Las fronteras, como están planteadas hoy, no son lugares de paso. Son cárceles abiertas. Zonas donde reina la vigilancia, el miedo y la burocracia cruel. Para miles de niños, esas jaulas del ICE (Servicio de Inmigración y Control de Aduanas) son su primer recuerdo de Estados Unidos. ¿Ese es el país que dice defender los valores cristianos y la libertad?

Además, no podemos hablar de migración sin hablar del racismo. Porque este no es solo un tema migratorio, sino profundamente racial. Las políticas antiinmigrantes suelen tener rostro y acento. No se aplican con la misma fuerza para migrantes europeos o canadienses. El blanco pobre puede aspirar a mejorar; el latino pobre, a ser deportado.

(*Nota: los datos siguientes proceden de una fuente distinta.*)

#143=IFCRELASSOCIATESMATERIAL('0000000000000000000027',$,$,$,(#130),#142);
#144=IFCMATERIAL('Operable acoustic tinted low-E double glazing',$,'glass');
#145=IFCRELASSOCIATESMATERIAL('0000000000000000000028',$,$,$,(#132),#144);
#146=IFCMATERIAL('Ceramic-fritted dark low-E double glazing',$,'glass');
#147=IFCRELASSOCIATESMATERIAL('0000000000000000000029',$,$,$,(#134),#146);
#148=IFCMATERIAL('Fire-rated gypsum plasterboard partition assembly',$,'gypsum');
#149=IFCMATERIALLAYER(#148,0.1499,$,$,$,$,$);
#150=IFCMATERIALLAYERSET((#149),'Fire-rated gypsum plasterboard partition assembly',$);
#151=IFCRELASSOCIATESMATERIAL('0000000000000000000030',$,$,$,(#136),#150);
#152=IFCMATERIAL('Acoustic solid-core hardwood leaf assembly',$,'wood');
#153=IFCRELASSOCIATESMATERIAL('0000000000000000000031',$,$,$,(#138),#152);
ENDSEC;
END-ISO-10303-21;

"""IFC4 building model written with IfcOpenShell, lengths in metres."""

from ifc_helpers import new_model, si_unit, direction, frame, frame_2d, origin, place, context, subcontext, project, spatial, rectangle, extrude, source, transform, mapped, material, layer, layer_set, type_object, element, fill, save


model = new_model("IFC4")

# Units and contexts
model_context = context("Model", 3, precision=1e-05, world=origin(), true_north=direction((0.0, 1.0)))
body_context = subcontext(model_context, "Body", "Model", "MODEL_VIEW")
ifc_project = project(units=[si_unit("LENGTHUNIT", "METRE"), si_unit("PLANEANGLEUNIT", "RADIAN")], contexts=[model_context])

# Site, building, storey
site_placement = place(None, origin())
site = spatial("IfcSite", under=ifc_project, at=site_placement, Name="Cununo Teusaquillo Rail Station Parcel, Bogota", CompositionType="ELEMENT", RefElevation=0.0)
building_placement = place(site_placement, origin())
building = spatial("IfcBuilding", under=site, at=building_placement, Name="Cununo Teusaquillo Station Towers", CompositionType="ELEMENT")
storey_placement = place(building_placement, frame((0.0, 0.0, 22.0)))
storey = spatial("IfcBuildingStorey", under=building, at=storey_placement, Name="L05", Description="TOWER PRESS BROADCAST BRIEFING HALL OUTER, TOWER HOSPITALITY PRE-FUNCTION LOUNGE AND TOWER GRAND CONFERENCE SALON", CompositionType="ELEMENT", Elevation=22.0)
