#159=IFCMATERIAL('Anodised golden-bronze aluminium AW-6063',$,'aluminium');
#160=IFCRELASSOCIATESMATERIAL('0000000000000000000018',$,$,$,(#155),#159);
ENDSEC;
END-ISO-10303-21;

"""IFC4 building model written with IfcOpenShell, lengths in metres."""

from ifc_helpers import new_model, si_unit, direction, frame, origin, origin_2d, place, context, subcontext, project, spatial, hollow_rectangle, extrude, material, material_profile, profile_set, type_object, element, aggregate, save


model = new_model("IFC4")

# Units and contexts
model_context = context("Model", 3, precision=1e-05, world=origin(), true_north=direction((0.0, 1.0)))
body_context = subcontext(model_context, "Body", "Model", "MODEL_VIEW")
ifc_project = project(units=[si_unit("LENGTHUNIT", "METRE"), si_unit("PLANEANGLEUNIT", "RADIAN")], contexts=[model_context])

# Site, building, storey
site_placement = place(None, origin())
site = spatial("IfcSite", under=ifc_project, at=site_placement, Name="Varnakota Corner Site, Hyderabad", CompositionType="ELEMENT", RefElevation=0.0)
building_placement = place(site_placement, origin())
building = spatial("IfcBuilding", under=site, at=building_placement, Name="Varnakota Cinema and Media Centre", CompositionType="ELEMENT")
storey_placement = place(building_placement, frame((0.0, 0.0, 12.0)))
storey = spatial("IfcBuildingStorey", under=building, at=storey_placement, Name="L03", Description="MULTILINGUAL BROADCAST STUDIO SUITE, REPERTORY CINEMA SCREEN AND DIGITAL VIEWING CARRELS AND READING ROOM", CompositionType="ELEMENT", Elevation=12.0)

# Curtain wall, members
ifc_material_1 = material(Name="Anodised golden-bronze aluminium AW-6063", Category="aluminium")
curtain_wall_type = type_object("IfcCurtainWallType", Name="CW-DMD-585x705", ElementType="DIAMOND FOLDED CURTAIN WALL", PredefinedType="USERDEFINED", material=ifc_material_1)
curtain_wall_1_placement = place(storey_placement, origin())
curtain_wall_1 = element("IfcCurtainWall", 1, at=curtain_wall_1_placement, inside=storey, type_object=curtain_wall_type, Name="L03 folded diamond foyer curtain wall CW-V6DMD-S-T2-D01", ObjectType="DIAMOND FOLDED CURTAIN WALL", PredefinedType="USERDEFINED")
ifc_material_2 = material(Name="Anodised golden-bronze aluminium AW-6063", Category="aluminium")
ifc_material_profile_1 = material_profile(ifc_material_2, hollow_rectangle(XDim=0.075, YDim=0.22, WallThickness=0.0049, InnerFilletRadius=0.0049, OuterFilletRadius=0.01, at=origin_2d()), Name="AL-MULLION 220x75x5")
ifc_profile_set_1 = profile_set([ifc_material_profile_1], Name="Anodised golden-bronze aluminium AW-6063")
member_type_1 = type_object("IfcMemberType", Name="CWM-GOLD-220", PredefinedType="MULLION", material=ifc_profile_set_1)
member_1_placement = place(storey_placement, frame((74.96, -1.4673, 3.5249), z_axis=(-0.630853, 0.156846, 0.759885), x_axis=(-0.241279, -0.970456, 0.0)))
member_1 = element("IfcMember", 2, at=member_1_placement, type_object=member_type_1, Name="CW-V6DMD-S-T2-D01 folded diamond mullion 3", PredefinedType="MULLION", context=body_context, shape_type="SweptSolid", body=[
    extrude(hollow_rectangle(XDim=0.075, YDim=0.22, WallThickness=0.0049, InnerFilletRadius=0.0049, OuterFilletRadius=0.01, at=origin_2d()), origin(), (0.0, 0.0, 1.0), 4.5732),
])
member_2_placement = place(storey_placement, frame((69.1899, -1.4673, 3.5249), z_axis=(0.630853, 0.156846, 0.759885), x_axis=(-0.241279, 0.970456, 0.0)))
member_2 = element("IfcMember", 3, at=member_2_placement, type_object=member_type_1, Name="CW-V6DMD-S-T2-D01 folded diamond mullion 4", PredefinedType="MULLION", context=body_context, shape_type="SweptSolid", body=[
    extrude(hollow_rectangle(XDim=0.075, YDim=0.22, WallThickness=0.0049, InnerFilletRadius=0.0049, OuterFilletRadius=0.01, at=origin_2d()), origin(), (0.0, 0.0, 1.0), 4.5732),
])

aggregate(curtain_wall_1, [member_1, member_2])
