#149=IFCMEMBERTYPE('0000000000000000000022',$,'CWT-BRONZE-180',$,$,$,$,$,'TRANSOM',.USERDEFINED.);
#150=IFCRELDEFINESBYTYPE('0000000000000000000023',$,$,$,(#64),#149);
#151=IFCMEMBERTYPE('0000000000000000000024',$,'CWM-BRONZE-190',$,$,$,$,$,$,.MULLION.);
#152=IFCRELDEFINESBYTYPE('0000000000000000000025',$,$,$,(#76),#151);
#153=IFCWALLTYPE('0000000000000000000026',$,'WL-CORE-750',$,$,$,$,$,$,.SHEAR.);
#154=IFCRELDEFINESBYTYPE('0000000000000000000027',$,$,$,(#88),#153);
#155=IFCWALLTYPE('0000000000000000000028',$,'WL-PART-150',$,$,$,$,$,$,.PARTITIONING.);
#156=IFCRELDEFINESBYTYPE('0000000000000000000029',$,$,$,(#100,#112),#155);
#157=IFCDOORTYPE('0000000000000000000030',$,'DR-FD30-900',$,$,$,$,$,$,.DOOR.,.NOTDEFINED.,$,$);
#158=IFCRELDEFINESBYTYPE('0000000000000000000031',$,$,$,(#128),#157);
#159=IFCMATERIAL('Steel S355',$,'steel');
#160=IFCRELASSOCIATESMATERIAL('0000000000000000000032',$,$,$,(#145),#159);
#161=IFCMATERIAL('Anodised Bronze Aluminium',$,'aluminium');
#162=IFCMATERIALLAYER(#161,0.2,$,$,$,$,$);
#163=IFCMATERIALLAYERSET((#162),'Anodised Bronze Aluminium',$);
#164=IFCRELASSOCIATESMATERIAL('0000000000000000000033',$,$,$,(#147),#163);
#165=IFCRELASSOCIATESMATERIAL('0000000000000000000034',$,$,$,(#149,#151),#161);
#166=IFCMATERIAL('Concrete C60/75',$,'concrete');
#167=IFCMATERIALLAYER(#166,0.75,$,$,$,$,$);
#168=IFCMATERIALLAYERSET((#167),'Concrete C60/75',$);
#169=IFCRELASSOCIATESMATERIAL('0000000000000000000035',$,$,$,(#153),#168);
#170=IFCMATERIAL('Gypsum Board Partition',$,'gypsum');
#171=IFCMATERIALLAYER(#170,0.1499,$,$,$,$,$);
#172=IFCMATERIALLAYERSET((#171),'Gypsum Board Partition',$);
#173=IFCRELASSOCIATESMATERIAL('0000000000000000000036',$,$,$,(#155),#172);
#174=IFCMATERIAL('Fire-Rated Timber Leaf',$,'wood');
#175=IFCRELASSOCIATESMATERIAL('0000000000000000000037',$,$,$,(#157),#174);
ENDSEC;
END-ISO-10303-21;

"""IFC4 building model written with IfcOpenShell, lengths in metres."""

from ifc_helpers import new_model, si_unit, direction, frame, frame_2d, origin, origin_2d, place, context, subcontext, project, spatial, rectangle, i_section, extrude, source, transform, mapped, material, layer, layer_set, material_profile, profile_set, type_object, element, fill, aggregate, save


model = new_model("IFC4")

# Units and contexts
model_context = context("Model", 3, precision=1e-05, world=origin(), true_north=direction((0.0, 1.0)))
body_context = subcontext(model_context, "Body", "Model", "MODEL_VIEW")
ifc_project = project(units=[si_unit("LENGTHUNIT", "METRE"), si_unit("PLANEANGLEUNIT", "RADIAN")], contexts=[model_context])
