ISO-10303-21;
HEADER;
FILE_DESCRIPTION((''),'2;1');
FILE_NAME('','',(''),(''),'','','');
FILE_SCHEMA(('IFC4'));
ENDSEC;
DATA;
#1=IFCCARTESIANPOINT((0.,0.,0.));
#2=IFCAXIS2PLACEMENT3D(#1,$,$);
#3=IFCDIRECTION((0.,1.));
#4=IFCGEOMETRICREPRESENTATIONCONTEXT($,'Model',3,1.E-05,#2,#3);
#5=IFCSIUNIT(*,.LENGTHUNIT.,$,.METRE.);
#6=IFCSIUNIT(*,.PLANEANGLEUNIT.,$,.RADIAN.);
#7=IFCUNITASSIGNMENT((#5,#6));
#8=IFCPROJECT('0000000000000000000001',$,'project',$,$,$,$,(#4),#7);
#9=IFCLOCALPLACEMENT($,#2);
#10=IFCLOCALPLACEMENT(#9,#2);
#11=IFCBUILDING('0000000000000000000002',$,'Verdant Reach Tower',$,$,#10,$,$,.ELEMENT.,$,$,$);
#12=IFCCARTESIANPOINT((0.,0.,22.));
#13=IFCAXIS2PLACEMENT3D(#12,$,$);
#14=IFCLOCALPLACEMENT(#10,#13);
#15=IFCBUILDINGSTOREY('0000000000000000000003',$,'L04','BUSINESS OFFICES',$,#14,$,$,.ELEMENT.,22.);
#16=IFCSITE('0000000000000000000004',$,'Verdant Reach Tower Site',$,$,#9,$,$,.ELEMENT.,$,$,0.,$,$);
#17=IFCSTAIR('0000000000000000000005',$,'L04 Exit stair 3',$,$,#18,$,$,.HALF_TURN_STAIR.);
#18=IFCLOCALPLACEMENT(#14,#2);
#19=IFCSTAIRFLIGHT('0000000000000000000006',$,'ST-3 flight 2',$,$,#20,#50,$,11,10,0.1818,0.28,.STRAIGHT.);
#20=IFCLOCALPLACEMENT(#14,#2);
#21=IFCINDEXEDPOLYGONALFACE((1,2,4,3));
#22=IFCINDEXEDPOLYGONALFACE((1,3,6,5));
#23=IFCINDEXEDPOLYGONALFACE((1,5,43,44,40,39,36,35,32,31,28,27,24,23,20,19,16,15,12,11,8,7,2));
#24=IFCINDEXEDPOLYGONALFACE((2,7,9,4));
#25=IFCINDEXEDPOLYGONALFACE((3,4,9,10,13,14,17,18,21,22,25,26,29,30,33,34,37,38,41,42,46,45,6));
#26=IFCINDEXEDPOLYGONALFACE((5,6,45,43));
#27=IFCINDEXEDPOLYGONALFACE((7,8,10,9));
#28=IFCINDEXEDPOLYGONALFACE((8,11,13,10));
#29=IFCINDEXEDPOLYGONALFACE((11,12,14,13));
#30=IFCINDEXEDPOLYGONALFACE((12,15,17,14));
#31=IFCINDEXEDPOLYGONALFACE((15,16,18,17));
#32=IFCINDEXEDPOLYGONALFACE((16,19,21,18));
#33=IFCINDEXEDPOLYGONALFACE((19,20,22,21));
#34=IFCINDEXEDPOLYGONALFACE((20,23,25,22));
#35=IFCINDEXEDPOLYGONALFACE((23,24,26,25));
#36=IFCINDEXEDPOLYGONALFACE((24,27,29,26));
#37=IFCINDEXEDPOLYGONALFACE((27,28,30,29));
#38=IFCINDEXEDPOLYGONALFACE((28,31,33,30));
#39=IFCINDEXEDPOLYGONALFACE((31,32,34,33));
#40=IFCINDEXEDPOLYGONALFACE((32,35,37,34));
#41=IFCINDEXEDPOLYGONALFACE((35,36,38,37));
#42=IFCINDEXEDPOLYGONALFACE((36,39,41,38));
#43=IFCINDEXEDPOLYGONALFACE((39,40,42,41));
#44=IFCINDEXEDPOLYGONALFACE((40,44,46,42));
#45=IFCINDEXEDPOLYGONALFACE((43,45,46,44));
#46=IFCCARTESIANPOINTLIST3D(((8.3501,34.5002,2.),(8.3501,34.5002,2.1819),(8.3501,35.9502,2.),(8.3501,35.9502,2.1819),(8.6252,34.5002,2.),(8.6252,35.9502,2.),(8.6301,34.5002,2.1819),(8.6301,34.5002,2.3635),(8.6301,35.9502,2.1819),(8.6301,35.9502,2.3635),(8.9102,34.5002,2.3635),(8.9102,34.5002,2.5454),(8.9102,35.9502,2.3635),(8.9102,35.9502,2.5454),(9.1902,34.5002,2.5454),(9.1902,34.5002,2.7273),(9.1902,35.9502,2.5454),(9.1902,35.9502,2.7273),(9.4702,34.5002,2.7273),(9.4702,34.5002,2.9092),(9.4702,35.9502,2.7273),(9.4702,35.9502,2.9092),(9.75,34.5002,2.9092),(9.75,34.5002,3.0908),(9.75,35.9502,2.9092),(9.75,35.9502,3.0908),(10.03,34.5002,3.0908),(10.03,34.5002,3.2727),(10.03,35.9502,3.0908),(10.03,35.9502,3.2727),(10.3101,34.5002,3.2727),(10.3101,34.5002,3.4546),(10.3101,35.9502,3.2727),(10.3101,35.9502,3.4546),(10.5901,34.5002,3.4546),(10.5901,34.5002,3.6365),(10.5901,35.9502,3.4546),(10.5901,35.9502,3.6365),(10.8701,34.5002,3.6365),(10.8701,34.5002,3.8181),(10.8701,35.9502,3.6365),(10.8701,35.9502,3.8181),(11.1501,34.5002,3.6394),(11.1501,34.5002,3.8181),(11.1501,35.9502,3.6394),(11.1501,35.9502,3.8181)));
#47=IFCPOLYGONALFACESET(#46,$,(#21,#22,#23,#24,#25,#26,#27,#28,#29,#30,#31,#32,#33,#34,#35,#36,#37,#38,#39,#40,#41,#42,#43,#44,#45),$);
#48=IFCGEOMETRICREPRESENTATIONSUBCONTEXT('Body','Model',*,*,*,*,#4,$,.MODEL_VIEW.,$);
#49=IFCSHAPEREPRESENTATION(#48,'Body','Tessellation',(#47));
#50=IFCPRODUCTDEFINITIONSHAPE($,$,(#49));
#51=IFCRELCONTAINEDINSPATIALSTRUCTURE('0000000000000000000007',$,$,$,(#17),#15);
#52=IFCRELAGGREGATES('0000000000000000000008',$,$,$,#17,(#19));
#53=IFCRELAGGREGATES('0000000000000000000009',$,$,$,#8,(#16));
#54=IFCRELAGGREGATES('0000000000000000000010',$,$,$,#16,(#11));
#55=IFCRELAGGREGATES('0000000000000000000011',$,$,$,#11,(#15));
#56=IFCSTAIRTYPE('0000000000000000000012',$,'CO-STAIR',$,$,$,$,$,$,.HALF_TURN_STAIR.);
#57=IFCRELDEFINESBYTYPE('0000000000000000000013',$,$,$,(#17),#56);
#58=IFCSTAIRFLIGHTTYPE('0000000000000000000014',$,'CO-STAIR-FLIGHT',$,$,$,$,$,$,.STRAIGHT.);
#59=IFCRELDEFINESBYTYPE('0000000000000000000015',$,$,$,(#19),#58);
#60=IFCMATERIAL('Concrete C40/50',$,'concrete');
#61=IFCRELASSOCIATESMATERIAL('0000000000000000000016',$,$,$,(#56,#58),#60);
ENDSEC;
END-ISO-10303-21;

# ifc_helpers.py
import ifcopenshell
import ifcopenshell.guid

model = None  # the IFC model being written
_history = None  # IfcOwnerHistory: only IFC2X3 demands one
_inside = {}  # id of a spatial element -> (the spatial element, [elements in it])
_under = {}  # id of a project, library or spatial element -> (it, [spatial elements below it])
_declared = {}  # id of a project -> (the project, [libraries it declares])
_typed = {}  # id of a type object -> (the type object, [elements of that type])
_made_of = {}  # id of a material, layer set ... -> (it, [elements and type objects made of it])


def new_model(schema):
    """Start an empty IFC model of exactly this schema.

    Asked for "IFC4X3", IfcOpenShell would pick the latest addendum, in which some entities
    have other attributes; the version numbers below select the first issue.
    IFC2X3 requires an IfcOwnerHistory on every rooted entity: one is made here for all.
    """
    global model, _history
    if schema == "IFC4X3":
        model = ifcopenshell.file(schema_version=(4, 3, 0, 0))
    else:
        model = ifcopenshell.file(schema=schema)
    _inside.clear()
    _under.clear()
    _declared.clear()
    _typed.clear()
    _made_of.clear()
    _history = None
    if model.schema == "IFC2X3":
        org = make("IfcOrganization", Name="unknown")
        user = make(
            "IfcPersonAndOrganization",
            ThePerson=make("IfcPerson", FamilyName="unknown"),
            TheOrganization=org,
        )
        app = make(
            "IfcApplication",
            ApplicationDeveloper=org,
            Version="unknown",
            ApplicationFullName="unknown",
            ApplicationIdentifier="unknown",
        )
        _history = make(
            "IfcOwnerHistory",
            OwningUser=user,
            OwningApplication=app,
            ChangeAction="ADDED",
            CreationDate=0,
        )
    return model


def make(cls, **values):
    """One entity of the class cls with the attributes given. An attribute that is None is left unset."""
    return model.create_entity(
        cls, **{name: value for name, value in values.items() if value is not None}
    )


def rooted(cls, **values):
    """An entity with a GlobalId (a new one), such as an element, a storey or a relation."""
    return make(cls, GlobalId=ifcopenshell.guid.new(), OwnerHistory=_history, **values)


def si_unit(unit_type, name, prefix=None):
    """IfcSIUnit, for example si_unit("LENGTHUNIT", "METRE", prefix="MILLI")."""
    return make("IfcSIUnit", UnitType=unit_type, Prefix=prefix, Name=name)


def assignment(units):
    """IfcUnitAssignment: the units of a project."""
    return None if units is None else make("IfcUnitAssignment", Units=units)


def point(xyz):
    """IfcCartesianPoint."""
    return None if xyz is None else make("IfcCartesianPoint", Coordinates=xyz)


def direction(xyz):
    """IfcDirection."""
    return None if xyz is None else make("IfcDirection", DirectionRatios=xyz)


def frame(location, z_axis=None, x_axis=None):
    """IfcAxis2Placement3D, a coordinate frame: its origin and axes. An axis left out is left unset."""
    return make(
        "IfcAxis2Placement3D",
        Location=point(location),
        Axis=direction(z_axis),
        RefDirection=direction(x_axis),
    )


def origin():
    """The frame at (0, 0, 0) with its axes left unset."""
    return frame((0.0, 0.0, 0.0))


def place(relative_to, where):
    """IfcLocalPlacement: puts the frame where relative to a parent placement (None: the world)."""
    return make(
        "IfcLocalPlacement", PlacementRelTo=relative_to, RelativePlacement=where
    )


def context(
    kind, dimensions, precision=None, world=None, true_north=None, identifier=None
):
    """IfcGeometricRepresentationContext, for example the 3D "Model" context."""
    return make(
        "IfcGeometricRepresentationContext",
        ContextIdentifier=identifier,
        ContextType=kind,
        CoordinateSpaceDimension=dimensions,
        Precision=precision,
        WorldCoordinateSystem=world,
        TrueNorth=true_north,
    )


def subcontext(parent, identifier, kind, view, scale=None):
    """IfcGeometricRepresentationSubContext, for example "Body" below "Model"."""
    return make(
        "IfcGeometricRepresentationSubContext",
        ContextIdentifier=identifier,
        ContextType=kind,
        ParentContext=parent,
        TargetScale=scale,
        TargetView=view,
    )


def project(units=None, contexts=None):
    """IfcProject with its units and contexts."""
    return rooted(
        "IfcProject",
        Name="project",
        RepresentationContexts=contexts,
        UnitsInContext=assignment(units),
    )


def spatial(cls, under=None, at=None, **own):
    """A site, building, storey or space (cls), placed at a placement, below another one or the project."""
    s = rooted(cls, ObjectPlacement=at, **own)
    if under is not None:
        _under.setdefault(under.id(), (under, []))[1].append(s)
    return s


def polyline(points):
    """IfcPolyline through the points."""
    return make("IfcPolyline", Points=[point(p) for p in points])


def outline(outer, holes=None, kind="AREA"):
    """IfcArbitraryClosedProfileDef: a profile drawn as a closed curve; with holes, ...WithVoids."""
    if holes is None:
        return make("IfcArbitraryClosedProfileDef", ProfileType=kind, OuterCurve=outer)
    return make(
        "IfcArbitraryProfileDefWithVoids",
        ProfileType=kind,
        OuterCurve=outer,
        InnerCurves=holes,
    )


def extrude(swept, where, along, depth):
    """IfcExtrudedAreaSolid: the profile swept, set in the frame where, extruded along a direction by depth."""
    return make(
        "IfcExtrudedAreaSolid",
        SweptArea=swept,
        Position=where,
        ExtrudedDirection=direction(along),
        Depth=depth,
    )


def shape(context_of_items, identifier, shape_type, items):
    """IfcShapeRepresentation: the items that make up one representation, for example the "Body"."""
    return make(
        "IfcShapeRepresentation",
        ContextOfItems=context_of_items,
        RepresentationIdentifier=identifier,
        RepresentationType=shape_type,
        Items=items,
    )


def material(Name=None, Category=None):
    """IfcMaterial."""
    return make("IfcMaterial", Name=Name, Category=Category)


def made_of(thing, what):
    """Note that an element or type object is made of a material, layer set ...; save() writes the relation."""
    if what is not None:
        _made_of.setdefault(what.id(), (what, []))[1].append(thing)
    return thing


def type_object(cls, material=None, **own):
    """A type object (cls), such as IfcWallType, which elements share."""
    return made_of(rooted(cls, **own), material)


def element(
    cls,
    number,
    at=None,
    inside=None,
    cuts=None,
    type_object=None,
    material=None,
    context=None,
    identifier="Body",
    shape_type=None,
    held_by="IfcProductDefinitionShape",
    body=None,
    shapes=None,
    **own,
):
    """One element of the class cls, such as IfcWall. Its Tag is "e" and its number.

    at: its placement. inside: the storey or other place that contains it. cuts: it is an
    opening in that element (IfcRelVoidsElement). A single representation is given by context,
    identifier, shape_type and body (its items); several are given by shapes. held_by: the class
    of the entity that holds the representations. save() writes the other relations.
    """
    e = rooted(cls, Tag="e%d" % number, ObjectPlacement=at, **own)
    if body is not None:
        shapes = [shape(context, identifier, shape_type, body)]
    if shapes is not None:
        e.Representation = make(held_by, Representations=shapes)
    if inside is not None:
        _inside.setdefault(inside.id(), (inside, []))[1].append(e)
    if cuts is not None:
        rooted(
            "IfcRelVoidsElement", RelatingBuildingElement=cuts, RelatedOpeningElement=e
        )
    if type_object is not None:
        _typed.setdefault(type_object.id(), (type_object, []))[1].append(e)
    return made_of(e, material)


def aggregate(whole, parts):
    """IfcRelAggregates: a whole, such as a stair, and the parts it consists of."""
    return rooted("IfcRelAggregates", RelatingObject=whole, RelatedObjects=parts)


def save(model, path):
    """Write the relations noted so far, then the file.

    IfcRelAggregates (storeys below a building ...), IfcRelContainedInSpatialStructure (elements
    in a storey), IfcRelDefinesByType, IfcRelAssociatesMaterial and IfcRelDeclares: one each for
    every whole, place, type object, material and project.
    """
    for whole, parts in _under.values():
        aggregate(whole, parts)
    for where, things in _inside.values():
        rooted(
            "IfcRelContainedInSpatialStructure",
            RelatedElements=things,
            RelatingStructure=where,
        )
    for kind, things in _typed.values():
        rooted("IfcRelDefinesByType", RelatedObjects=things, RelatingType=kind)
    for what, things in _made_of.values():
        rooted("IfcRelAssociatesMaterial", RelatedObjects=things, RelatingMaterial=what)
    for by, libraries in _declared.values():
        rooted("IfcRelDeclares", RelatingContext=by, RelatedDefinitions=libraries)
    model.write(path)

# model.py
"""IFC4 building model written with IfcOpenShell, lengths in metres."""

from ifc_helpers import new_model, si_unit, direction, frame, origin, place, context, subcontext, project, spatial, polyline, outline, extrude, material, type_object, element, aggregate, save


model = new_model("IFC4")

# Units and contexts
model_context = context("Model", 3, precision=1e-05, world=origin(), true_north=direction((0.0, 1.0)))
body_context = subcontext(model_context, "Body", "Model", "MODEL_VIEW")
ifc_project = project(units=[si_unit("LENGTHUNIT", "METRE"), si_unit("PLANEANGLEUNIT", "RADIAN")], contexts=[model_context])

# Site, building, storey
site_placement = place(None, origin())
site = spatial("IfcSite", under=ifc_project, at=site_placement, Name="Verdant Reach Tower Site", CompositionType="ELEMENT", RefElevation=0.0)
building_placement = place(site_placement, origin())
building = spatial("IfcBuilding", under=site, at=building_placement, Name="Verdant Reach Tower", CompositionType="ELEMENT")
storey_placement = place(building_placement, frame((0.0, 0.0, 22.0)))
storey = spatial("IfcBuildingStorey", under=building, at=storey_placement, Name="L04", Description="BUSINESS OFFICES", CompositionType="ELEMENT", Elevation=22.0)

# Shared definitions
ifc_material_1 = material(Name="Concrete C40/50", Category="concrete")

# Stair, stair flight
stair_type = type_object("IfcStairType", Name="CO-STAIR", PredefinedType="HALF_TURN_STAIR", material=ifc_material_1)
stair_flight_type = type_object("IfcStairFlightType", Name="CO-STAIR-FLIGHT", PredefinedType="STRAIGHT", material=ifc_material_1)
stair_1_placement = place(storey_placement, origin())
stair_1 = element("IfcStair", 1, at=stair_1_placement, inside=storey, type_object=stair_type, Name="L04 Exit stair 3", PredefinedType="HALF_TURN_STAIR")
stair_flight_1_placement = place(storey_placement, frame((8.3501, 35.2251, 2.0), z_axis=(0.0, 0.0, 1.0), x_axis=(1.0, 0.0, 0.0)))
stair_flight_1 = element("IfcStairFlight", 2, at=stair_flight_1_placement, type_object=stair_flight_type, Name="ST-3 flight 2", NumberOfRisers=11, NumberOfTreads=10, PredefinedType="STRAIGHT", RiserHeight=0.1818, TreadLength=0.28, context=body_context, shape_type="SweptSolid", body=[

Trump lo sabe, y por eso lo explota. En un año electoral donde su imagen se desmorona entre procesos judiciales, alianzas rotas y amenazas internas, necesita un enemigo claro. Y el migrante latino cumple con todos los requisitos: está lejos del poder, es fácil de estigmatizar y difícil de defender políticamente.

Pero aún hay esperanza. En cada marcha, en cada organización de ayuda, en cada abogado que ofrece servicios pro bono, en cada chicano que no olvida su origen, se enciende una luz. Y también en México. Porque un país que protege a sus hijos, donde sea que estén, es un país más digno.

No dejemos que los muros nos separen del corazón. Hoy más que nunca, México debe recordar que su gente no termina en sus fronteras. Y que el verdadero poder no está en las redadas ni en las amenazas, sino en la solidaridad. Esa que nos ha hecho sobrevivir guerras, pandemias, traiciones… y que ahora debe ayudarnos a defender lo más humano que tenemos: nuestra gente.